Duckworth’s gritty entrepreneur puts an even finer point on this. Though she presents Bezos as a self-made man, in reality there is no Jeff Bezos without the thousands of exploited Amazon workers [10] who made him the wealthiest person in the world. In his recent book on Bezos’ Amazon empire, Fulfillment: Winning and Losing in One-Click America [11], award-winning journalist Alec MacGillis quotes the spouse of an Amazon employee working forced overtime in one of the company’s warehouses during the COVD-19 pandemic: “‘They may be doing quite a bit,’ she said, but the company ‘is also profiting every step along the way on the backs of their employees, who are not being protected, and neither are their families being protected…They call themselves a technology company, but it’s really a sweatshop’” (MacGillis 2021, 6). Like Noem, Duckworth renders invisible grit’s inconvenient helpers. 

Noem and Duckworth also fail to consider what we owe to others. Just as Noem’s father had no patience nor caring response for his children when they were nearly trampled by an angry cow because of his directive, so the tough, lead-from-your-gut gritty leader also lacks care, at least beyond one’s closest relations and friends. Duckworth never asks if it is possible for every person to be gritty and to succeed in the way her exemplars do. Instead, her praise for “gritty” exemplars like Bezos implies that the most virtuous displays of grit can co-exist with, can even be predicated on, the exploitation of others. For both Duckworth and Noem, grit’s end is a “good” society characterized by a dog-eat-dog, winner-take-all game in which the “winners” often meet success at the expense of the “losers.”

Duckworth does in a few places briefly address objections to her lack of structural analysis. On her website, for instance, she writes, [12] “If you pit grit against structural barriers to achievement, you may well decide that grit is less worthy of our attention. But I think that’s the right answer to the wrong question.” It’s unclear what the “right” question is. Duckworth does not say. In the end these comments certainly do not clarify how grit, framed as a virtue, can co-exist with critical structural analysis. To be a virtue oriented toward the common good and relations of care and accountability, grit must come to terms with such analyses.

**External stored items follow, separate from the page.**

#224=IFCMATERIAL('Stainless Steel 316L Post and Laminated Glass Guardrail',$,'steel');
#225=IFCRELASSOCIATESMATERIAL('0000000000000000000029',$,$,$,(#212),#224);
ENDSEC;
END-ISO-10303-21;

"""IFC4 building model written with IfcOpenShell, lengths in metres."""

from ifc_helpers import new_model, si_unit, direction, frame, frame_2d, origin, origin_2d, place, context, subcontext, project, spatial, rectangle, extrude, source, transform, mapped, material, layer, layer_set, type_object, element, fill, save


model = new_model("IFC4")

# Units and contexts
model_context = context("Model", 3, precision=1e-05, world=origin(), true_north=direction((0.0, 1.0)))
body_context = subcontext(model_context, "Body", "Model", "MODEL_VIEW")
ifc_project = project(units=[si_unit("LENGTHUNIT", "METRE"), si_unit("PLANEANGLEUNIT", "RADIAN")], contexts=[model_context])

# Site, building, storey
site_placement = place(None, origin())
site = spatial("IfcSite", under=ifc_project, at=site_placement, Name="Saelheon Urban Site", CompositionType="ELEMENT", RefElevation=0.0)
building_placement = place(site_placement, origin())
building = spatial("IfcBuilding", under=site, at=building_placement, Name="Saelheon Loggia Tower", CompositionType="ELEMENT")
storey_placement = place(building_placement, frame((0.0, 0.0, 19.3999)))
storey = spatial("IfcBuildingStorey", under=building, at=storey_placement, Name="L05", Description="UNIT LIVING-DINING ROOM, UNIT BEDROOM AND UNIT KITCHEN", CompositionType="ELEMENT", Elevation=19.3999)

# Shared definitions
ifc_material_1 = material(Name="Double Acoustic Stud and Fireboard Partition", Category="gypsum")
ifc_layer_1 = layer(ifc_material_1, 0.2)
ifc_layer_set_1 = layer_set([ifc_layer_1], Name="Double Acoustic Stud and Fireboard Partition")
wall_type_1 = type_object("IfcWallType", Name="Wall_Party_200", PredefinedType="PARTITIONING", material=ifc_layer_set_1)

In the end, grit as a virtue is the alchemy that turns a complex lead into a simpler gold. It cuts through the moral complexity of modern life by reassuring us that, as long as one is raised right and is tough and dogged enough, she ought to be able to succeed. It allows us to bypass insights from the social sciences and critical theory. One needn’t think about getting a leg up on success by accident of birth, or about the invisible others on which our success relies. One needn’t bother oneself with structural matters that, by their very name, structure who we are, how we think, and what our “gut” tells us. Grit certainly entails hard work and discipline. But it may actually allow us to get out of even harder work: the work of fashioning ourselves into people able to recognize and relinquish our privilege as an act of care for those vulnerable to grit’s own more predatory exemplars.